Table of contents
- Q1. Write a program to reverse an array.
- Q2. Find the maximum and minimum elements in the array.
- Q3. Find the kth max and min elements in an array.
- Q4. Move all negative numbers to one side of the array and all positive numbers to the other side.
- Q5. Sort the array of 0s, 1s and 2s in ascending order without using any sorting techniques.
Now we will understand the different types of questions on Arrays.
Q1. Write a program to reverse an array.
A1. There are two ways to approach this problem. One is an iterative way and the other is the recursive way.
In an iterative way, we will use a while loop, with a start pointer at the start of the array and an end pointer at the end of the array. Iterating using a while loop, we swap the values of start and end pointers. After each iteration, we increment and decrement the start and end pointers respectively.
// Iterative way
public class ReverseArr{
static void rev(int[] a, int start, int end){
int temp;
while(start<end){
temp = a[start];
a[start] = a[end];
a[end] = temp;
start++;
end--;
}
}
}
Recursively, we use the base condition as start>=end and return, and recursively swap the values of the start and end pointer, calling the function recursively decrementing and incrementing the end and start values respectively in the function parameters.
// Recursive way
public class ReverseArr{
static void rev(int[] a, int start, int end){
if(start>=end){
return;
}
int temp;
temp = a[start];
a[start] = a[end];
a[end] = temp;
rev(a,start+1,end-1);
}
}
The time complexity of this algorithm is O(n) as we are iterating through the whole array. The space complexity is O(1) as no extra space is used.
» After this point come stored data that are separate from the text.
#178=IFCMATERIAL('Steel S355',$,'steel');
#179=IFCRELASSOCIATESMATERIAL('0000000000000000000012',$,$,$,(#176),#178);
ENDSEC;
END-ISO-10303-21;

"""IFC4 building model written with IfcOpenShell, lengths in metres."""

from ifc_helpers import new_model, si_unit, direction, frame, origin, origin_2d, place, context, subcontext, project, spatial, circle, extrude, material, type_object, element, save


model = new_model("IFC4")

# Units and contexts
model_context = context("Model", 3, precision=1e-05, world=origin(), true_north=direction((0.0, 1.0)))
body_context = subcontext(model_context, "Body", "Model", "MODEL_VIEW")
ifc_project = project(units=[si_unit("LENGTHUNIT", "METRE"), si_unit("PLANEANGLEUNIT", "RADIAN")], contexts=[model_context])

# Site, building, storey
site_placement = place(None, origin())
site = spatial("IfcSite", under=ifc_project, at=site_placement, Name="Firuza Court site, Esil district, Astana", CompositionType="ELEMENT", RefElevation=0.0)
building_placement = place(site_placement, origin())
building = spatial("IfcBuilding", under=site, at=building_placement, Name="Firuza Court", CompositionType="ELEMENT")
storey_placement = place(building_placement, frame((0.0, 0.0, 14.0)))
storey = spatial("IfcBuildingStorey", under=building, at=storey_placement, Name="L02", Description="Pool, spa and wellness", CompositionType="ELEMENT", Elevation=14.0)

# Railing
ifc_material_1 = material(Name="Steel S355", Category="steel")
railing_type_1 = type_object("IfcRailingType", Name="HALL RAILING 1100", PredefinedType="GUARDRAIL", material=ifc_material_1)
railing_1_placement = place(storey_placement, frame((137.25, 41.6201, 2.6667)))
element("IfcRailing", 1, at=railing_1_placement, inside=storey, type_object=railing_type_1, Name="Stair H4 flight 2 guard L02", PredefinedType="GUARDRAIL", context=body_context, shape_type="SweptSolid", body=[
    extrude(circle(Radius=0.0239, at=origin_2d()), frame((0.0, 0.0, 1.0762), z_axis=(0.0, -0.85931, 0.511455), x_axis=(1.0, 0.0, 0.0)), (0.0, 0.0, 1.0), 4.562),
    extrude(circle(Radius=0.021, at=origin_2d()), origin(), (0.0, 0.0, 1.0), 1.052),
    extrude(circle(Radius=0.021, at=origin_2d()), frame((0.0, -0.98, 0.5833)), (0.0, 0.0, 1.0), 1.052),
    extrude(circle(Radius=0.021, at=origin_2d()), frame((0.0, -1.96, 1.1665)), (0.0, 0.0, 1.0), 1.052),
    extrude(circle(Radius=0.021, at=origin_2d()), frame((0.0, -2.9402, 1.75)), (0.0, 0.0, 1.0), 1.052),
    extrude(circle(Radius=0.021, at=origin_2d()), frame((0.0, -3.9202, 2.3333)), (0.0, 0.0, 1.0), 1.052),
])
Q2. Find the maximum and minimum elements in the array.
A2. There is a direct iterative approach to this question. Taking two variables as max and min, initialising them with the first two array values temporarily, we iterate through the loop and compare each value with min or the max value, using if else conditionals.
public class MaxMinArr{
static void maxMin(int[] a){
int max,min;
if(a[0]>a[1]){
max = a[0];
min = a[1];
}
else{
max = a[1];
min = a[0];
}
for(int i=2; i<a.length; i++){
if(a[i]>max){
max = a[i];
}
else if(a[i]<min){
min = a[i];
}
}
}
}
The time complexity of this algorithm is O(n) and the space complexity is O(1).
Q3. Find the kth max and min elements in an array.
A3. In this question, if the array is not sorted we first sort the array using an efficient sorting method. After that, we directly access the array element using the given value of k in the question, i.e. Maximum element will be a[a.length - k] and the Minimum element will be a[k-1].
So the time complexity of this algorithm will depend on the type of sorting algorithm we use. Or we can directly use the sorting method in the Array package of Java.
import.java.util.*;
public class KthMaxMin{
static void kthmaxmin(int[] a, int k){
Arrays.sort(a);
System.out.println("The kth max element in the array is" + a[a.length - k] );
System.out.println("The kth min element in the array is" + a[k - 1] );
}
}
Q4. Move all negative numbers to one side of the array and all positive numbers to the other side.
A4. In this question, we directly apply an efficient sorting technique to get the answer.
public class SortNegPosArr{
static void sortnegpos(int[] a){
// Using QuickSort
int j = 0, temp = 0;
for(int i = 0; i<a.length; i++){
if(a[i]<0){
if(i!=j){
temp = a[i];
a[i] = a[j];
a[j] = temp;
}
j++;
}
}
}
The time complexity of this algorithm is O(n) and the space complexity is O(1).
Q5. Sort the array of 0s, 1s and 2s in ascending order without using any sorting techniques.
A5. There are two ways to solve this problem, the first is to count the number of 0s, 1s and 2s in the array and add them to their respective indices using loops. But this approach is of very high time complexity. Hence the second way is more efficient i.e. the Dutch National Flag Algorithm also known as the low, middle & high technique.
Low depicts that before that index all are 0s, middle depicts 1s and high depicts that index after which all are 2s. If the middle element is 0, we swap it with a low index and increment both. Whereas if the middle element is 2, we swap it with a high index and decrement high.
public class SortArr0s1s2s{
static void sort0s1s2s(int[] a){
int low = 0, mid=0, high = a.length-1;
int temp = 0;
while(mid<=high){
if(a[mid] == 0){
temp = a[mid];
a[mid] = a[low];
a[low] = temp;
mid++;
low++;
}
else if(a[mid] == 1){
mid++;
}
else{
temp = a[mid];
a[mid] = a[high];
a[high] = temp;
high--;
}
}
}
}
The time complexity of this algorithm is O(nlogn) and the space complexity is O(1).